By Yohei Kawaguchi
Research & Development Group, Hitachi, Ltd.
Nowadays, a shortage of skilled workers has become a serious societal issue that necessitates an automated system for machinery maintenance. Sound-monitoring systems for checking a machine's operational condition ("machine health" hereafter) have become promising for supporting or replacing skilled maintenance technicians who listen for sounds from machinery and judge the overall condition of a machine. A practical technology for "acoustic-scene classification" is necessary to properly detect anomalous sound from normal conditions.
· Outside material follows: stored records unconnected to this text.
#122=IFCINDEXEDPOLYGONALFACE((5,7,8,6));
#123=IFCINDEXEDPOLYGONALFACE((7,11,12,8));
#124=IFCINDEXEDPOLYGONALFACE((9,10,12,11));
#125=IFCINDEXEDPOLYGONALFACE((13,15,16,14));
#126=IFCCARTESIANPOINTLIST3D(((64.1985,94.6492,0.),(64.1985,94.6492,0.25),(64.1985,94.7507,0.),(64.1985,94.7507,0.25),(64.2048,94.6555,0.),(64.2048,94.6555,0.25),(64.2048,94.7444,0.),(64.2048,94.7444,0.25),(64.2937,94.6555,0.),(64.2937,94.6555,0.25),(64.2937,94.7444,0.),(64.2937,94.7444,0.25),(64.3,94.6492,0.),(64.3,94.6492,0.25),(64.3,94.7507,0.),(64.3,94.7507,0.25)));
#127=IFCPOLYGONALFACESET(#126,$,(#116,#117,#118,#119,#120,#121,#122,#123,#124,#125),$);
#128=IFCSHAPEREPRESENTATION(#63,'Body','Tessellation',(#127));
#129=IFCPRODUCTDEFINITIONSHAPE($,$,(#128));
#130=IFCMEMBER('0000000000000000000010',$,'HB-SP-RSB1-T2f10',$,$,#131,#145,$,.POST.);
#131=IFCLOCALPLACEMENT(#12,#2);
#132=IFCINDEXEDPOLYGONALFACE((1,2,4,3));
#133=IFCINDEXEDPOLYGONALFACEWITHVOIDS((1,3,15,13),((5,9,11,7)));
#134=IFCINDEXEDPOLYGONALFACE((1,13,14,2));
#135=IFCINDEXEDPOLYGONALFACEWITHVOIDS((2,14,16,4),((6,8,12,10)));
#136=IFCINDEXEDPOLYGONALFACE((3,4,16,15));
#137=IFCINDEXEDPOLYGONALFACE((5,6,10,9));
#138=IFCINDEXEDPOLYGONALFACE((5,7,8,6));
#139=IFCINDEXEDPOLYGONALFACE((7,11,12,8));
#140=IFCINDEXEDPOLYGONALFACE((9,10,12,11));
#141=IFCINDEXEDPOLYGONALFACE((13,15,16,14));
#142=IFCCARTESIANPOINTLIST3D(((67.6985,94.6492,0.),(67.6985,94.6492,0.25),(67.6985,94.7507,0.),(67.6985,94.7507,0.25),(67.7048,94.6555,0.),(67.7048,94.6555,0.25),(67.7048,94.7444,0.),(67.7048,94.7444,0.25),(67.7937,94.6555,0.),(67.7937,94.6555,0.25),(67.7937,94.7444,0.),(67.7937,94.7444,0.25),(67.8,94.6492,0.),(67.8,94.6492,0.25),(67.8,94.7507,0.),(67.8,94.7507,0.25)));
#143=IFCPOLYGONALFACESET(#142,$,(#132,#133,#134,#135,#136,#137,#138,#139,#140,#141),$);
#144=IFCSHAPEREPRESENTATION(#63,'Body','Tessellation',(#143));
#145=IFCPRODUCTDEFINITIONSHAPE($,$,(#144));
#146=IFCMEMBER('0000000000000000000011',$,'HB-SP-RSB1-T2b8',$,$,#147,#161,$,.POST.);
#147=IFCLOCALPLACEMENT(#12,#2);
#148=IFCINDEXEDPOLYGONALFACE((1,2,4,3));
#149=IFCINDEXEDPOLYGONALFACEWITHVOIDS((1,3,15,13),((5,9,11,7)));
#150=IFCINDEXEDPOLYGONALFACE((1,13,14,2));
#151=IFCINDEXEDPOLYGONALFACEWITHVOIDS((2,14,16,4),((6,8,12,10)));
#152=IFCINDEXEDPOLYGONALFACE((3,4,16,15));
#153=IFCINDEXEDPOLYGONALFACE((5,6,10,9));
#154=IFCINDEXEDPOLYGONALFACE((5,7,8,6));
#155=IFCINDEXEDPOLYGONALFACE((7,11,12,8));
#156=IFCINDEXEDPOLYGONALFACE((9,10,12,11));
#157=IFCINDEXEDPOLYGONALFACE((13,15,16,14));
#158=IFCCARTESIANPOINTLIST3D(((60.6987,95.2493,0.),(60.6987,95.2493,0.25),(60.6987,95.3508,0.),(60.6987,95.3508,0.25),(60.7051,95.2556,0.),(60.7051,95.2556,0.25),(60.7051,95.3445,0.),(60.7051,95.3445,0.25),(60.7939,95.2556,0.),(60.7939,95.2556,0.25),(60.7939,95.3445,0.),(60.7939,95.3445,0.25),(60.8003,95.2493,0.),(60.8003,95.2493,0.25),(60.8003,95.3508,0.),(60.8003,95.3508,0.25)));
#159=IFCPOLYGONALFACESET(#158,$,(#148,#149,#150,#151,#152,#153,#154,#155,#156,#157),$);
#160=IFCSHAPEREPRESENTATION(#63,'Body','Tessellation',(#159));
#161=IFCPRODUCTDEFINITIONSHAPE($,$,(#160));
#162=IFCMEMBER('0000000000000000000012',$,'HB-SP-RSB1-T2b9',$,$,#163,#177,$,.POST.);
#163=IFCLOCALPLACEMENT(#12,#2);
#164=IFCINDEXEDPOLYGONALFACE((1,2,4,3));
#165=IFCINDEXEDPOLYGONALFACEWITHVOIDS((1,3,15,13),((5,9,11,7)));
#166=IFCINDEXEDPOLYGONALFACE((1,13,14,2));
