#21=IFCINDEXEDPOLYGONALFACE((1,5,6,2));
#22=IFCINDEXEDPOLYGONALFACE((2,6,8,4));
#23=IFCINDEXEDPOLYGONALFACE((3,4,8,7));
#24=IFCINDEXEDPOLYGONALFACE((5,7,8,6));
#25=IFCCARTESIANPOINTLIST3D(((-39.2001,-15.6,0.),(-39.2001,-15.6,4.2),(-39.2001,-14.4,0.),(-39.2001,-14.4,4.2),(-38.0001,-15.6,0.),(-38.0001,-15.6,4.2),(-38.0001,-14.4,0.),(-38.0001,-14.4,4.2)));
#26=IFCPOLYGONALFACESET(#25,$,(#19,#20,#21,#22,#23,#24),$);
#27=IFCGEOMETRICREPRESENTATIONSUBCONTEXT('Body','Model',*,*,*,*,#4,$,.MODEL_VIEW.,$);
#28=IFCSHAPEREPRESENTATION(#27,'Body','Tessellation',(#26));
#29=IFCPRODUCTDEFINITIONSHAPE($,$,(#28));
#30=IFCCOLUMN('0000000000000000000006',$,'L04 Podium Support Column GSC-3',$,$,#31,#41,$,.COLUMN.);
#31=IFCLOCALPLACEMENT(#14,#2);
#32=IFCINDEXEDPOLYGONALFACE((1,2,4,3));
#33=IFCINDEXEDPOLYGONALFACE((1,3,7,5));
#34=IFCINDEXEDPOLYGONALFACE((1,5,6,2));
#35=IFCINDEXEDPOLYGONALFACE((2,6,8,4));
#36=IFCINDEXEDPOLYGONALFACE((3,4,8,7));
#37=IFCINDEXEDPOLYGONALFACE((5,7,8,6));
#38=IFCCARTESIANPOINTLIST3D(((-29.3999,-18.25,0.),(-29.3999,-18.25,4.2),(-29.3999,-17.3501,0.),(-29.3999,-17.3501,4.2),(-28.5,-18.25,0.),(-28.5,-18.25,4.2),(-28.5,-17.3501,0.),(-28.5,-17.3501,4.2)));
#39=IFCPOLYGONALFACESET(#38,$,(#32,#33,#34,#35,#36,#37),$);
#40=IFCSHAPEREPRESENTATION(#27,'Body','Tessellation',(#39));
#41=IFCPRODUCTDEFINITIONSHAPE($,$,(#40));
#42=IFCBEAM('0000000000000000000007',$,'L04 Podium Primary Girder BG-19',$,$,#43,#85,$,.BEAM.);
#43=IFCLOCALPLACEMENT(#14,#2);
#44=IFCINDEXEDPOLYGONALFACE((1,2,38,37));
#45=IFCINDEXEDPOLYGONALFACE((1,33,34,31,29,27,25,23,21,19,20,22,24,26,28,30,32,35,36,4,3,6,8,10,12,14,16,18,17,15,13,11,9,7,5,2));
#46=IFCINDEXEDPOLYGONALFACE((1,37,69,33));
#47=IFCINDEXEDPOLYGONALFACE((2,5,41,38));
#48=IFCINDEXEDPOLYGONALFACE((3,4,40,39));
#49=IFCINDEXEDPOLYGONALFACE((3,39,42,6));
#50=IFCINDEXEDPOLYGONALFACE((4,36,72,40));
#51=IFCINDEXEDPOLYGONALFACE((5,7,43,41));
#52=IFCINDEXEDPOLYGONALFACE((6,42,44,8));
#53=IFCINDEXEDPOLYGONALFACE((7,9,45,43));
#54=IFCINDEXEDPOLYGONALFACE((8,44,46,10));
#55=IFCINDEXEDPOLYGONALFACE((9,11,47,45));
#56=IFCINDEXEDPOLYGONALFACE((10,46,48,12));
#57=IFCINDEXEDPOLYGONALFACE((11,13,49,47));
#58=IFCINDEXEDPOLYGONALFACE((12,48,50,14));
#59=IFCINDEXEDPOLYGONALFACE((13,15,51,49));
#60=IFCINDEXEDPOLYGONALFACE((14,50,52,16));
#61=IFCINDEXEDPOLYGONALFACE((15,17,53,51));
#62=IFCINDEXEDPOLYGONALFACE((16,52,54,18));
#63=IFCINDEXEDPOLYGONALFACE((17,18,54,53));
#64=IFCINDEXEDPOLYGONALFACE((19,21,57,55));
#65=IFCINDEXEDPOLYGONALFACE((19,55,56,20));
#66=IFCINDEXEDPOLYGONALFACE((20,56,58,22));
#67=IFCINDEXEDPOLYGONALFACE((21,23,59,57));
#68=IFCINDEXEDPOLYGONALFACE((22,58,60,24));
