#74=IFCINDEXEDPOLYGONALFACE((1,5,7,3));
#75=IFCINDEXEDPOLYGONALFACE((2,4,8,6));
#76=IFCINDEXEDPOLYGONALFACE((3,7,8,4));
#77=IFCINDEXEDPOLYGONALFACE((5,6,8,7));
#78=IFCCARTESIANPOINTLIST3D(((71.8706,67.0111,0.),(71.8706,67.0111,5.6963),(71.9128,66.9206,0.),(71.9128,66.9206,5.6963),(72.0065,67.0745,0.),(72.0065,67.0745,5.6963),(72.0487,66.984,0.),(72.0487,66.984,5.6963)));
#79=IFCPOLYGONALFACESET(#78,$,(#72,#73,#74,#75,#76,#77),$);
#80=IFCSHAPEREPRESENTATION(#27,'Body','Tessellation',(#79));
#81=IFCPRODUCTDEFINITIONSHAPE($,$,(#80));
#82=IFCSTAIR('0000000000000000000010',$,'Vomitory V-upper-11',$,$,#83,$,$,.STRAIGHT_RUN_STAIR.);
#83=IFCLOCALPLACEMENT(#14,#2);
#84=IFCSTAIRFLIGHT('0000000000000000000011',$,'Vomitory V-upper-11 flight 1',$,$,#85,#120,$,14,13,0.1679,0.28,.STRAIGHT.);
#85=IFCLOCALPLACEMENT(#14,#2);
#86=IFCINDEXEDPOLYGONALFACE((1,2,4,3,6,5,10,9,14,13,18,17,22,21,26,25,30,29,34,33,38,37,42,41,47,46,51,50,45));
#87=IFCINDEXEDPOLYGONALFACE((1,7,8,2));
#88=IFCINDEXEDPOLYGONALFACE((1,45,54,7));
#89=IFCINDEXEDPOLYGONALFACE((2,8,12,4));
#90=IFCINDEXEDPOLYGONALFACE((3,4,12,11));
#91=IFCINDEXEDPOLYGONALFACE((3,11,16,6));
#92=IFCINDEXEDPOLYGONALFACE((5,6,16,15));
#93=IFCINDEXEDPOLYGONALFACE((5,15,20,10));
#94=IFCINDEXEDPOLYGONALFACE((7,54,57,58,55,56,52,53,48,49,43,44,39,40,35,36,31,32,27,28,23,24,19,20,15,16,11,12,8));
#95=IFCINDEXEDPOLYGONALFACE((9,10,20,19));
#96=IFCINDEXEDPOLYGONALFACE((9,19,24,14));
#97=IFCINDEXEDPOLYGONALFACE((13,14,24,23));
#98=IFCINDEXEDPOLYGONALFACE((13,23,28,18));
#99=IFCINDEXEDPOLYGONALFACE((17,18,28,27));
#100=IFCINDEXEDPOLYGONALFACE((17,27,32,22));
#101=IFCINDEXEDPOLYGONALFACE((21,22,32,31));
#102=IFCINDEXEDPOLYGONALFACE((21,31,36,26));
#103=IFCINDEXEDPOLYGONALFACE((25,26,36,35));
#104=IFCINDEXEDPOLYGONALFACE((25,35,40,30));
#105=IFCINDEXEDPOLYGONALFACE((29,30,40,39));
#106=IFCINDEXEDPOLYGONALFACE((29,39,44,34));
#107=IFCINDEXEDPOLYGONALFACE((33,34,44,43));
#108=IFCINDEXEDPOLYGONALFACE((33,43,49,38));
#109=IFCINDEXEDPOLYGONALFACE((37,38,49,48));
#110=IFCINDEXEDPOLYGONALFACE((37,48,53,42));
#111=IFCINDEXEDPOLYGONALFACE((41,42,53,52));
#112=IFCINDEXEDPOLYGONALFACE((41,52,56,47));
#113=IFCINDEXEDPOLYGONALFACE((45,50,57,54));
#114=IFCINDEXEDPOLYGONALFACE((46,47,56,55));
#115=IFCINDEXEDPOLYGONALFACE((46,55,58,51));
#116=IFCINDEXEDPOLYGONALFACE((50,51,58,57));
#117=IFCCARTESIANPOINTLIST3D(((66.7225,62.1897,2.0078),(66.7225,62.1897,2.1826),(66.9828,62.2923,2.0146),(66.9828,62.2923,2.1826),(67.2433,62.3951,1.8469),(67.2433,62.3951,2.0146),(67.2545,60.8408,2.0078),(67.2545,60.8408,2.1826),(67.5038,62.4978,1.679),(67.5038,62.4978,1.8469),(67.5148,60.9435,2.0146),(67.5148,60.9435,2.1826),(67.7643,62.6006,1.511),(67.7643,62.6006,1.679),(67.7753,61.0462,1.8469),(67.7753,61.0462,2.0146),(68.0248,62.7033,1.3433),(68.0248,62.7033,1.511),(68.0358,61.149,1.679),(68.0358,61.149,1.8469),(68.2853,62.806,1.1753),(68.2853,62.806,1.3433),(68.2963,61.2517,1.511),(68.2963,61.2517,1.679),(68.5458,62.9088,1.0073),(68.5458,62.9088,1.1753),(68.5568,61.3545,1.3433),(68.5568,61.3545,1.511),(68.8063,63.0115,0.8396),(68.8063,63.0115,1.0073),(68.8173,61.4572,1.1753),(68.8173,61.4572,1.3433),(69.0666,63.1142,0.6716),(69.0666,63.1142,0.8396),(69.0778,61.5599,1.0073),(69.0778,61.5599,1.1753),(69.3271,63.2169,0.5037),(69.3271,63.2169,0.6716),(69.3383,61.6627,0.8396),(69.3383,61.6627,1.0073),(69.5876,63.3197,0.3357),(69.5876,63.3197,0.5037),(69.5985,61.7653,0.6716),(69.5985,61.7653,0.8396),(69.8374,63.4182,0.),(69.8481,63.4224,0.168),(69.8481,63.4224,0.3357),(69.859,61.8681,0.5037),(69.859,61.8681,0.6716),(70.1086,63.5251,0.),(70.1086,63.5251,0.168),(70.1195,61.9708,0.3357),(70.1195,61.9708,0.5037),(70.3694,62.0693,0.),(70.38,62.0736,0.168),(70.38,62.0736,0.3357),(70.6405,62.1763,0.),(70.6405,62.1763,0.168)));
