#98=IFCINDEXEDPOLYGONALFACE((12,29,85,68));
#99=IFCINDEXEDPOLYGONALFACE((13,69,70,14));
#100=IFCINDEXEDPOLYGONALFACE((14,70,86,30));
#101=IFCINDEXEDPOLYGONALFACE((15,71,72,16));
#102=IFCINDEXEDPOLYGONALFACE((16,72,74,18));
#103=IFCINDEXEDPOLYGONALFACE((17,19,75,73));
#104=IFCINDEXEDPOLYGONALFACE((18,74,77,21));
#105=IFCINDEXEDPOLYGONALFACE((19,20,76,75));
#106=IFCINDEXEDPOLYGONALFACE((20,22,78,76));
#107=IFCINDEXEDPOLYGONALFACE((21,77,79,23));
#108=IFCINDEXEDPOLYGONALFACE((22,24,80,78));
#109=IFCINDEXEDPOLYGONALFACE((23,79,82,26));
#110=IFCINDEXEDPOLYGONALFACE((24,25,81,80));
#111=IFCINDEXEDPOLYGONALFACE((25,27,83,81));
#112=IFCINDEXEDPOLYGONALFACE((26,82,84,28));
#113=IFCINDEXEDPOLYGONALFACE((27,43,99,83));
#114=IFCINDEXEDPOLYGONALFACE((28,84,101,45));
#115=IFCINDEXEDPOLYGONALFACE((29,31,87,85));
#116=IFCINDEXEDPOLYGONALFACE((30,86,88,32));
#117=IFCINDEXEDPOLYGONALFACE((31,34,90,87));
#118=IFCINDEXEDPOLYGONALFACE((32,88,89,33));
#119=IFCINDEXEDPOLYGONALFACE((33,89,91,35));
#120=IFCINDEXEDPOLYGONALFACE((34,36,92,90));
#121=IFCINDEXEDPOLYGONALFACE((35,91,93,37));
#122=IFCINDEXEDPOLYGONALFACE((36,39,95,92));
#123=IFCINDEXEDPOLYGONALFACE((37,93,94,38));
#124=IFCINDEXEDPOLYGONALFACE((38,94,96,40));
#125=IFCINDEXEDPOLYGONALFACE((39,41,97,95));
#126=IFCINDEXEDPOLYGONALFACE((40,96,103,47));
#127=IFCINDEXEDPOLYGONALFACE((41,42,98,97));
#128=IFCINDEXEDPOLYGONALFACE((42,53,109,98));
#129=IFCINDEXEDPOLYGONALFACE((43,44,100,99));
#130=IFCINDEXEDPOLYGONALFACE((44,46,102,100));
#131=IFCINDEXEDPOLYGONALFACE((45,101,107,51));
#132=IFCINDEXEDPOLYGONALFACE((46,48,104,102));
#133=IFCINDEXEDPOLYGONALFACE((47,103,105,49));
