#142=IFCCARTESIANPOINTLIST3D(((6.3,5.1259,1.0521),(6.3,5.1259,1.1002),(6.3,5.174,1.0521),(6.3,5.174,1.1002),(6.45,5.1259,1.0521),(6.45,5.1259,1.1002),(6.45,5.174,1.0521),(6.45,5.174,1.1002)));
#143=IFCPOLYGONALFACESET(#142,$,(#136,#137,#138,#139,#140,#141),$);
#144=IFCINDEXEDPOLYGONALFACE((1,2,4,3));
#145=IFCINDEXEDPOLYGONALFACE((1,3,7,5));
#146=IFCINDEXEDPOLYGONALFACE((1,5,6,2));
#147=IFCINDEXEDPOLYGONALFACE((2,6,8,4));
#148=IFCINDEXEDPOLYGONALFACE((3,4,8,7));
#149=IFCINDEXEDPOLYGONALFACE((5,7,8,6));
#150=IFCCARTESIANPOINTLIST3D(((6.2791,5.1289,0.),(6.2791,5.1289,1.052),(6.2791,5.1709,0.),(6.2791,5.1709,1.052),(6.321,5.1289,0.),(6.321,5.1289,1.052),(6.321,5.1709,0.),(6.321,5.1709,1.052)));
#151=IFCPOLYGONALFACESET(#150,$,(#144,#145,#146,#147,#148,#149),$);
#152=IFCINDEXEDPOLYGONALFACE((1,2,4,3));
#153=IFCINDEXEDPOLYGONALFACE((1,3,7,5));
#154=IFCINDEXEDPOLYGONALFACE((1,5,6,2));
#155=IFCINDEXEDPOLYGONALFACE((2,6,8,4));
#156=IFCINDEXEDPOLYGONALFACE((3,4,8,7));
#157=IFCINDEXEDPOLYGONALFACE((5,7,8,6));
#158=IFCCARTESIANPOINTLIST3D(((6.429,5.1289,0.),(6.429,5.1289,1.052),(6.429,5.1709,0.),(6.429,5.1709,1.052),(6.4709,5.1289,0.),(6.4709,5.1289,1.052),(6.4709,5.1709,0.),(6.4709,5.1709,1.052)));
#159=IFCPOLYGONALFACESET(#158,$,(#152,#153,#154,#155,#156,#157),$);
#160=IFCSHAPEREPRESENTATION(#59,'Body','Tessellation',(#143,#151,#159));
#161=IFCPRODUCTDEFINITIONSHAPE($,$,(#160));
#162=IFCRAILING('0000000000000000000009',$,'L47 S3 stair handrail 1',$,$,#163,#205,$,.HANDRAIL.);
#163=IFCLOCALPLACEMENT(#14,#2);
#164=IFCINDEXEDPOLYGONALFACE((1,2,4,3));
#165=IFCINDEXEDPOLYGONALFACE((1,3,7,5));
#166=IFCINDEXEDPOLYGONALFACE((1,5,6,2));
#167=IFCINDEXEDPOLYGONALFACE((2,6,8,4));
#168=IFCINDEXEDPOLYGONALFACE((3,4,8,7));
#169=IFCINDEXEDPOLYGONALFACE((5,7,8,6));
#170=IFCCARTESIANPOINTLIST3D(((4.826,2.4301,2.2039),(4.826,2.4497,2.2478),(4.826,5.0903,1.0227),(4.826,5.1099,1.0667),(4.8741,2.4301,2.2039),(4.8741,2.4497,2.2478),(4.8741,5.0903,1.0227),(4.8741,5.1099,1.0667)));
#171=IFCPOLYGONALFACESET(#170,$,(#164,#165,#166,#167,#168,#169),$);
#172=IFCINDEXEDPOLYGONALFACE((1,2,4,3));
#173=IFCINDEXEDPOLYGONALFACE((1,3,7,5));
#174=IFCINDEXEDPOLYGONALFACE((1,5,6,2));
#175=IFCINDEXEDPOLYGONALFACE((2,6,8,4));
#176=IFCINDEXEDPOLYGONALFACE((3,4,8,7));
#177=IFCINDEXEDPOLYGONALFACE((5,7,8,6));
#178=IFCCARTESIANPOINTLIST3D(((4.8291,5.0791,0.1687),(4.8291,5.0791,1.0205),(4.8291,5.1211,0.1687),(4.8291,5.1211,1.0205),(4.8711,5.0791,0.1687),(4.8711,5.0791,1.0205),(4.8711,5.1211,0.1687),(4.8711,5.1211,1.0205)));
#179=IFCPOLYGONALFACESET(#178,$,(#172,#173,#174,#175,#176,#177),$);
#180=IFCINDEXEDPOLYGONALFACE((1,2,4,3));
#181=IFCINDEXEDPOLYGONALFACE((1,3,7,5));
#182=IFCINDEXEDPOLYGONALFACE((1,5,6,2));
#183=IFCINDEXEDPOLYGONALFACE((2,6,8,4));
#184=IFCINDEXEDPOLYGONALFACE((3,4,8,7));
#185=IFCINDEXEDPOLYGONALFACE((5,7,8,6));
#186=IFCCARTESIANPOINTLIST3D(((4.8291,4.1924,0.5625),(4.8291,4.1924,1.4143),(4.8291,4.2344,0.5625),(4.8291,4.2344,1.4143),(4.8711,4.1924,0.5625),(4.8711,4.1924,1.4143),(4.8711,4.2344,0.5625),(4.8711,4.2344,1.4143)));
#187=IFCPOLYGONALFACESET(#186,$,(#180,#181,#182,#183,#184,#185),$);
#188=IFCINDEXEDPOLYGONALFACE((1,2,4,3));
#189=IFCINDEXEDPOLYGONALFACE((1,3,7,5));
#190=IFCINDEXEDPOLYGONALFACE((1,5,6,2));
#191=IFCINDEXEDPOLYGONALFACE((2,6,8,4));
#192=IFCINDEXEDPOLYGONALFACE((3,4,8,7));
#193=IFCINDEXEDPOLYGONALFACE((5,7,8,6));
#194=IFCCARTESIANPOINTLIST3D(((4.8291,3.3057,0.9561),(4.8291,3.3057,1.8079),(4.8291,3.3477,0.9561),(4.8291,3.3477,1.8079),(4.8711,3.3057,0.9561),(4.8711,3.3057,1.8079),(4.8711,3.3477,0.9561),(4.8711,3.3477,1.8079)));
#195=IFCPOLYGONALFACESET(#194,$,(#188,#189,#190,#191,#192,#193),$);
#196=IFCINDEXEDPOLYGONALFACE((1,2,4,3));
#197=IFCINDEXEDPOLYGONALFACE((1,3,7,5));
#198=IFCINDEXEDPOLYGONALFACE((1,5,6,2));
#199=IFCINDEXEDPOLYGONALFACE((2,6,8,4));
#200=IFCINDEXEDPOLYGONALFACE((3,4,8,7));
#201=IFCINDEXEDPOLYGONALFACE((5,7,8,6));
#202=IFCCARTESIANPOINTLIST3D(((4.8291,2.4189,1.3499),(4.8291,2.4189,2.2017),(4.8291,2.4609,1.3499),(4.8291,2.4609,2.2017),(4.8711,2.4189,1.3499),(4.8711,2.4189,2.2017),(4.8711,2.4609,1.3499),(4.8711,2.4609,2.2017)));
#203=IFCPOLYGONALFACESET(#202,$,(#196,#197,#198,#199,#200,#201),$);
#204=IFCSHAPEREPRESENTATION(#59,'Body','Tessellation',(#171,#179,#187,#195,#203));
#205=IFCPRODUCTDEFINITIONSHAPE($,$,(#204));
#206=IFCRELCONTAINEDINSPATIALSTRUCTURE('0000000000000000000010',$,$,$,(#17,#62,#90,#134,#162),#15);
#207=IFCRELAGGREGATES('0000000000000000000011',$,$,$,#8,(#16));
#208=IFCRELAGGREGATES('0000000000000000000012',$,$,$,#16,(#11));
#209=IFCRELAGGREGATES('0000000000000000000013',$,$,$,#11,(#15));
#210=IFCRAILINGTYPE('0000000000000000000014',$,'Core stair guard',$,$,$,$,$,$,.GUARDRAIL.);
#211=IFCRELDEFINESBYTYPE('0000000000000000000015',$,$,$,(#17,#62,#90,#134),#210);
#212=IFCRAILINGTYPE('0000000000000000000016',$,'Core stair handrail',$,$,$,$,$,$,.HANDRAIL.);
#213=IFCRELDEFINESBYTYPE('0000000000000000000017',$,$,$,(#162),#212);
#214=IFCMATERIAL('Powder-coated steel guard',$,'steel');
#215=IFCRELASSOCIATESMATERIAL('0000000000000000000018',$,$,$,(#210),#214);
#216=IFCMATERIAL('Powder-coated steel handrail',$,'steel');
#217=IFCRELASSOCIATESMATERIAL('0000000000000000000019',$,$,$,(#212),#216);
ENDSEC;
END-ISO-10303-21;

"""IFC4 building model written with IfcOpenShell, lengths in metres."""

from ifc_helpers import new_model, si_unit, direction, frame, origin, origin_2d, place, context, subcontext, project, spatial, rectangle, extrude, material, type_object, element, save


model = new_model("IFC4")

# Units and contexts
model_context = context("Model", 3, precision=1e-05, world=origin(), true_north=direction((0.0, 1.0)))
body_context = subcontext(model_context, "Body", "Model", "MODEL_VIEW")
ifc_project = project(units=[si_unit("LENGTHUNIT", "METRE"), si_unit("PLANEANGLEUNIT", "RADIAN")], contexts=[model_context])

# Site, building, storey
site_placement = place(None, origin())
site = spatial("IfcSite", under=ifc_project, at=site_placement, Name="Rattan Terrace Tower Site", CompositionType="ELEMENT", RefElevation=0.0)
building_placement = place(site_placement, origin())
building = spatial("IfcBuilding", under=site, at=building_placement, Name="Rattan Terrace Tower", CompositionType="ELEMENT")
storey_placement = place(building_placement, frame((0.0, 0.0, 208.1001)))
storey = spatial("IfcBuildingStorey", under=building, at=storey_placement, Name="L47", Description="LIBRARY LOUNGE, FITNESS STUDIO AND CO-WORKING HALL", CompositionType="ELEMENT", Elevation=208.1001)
In this post, we present a method for detecting anomalous sounds in real environments such as factories. In such environments, it is known that reverberation and background noise are mixed in an observed sound signal, so the detection performance is degraded. To solve that problem, the detection method must have robustness against reverberation and background noise. To attain that robustness, two types of architecture are available: "modular architecture" or "end-to-end architecture." Modular architecture, which consists of front-end modules and back-end modules working independently, is suitable for anomalous sound detection. Front-end modules perform acoustic-signal-processing procedures such as "denoising," while the back-end modules perform classification. Although the end-to-end architecture, which is a deep neural network with a high representation power can be totally optimized by using training data, it is unsuitable for sound-monitoring systems as sufficient amount of training data cannot be obtained. In addition, assuring the quality of the end-to-end architecture is a more difficult process than that of assuring the quality of the modular architecture.
To solve the problem of reverberation and background noise, our proposed architecture applies a front-end ensemble consisting of a blind-dereverberation (BD) algorithm and anomalous-sound-extraction (ASE) algorithms (See Figure 1). It can be expected that a dereverberation algorithm and a denoising algorithm can improve the detection performance. However, any algorithm has pros and cons, so it is impossible to choose the "best" front-end algorithm. Thus, as for our method, we applied an ensemble of multiple front-end algorithms. The BD algorithm proposed by Togami et al. *1 , which is suitable for unknown anomalous sounds, is used because it does not rely on training. In addition, multiple ASE algorithms based on non-negative matrix factorization (NMF) *2 , non-negative matrix underapproximation (NMU) *3 , and non-negative novelty extraction (NNE) *4 are used in parallel, and these algorithms complement each other.
We experimentally evaluated the improvement by applying the proposed method in anomaly detection for automated machines repeating a series of work (See Figure 2). Table 1 lists the "area under the curve" (AUC) for each autoencoder and each ensemble. In the table, each label from (A) to (H) corresponds to autoencoders in Figure 1. Comparing "w/o BD" with "w/ BD" in Table 1 reveals that BD improves the performance of anomalous sound detection. Moreover, comparing "w/o ASE" with the other ASEs in Table 1 reveals that the ASE algorithms also improve the performance of anomalous sound detection. In addition, when input SNR is -10 dB or -15 dB, the AUCs of the proposed ensemble are higher than those of the best combination of BD and ASE, whereas those of the ensembles (A)-(H), (E)-(H), and (B)-(D) are relatively low. These results indicate that the front-end algorithms in the proposed ensemble complement each other in noisy cases.
Our results indicated that the proposed method consisting of the BD algorithm, ASE algorithms, and ensemble architecture, significantly improves detection performance and solves the problem of reverberation and background noise. Therefore, the proposed method, namely, an ensemble of dereverberation and anomalous sound extraction, is promising for making anomalous sound detection more practical.
*1 M. Togami, Y. Kawaguchi, R. Takeda, Y. Obuchi, and N. Nukaga, "Optimized speech dereverberation from probabilistic perspective for time varying acoustic transfer function," IEEE/ACM Transactions on Audio, Speech, and Language Processing, vol. 21, no. 7, pp. 1369–1380, July 2013.
*2 D.D. Lee and H.S. Seung, "Learning the parts of objects with nonnegative matrix factorization," Nature, vol. 401, no. 6755, pp. 788–791, Nov. 1999.
*3 M. Tepper and G. Sapiro, "Nonnegative matrix underapproximation for robust multiple model fitting," in Proc. IEEE Conference on Computer Vision and Pattern Recognition (CVPR), Nov. 2017, pp. 655–663.
*4 Y. Kawaguchi, T. Endo, K. Ichige, and K. Hamada, "Non-negative novelty extraction: A new non-negativity constraint for NMF," in Proc. International Workshop on Acoustic Signal Enhancement (IWAENC), Sept. 2018, pp. 256–260.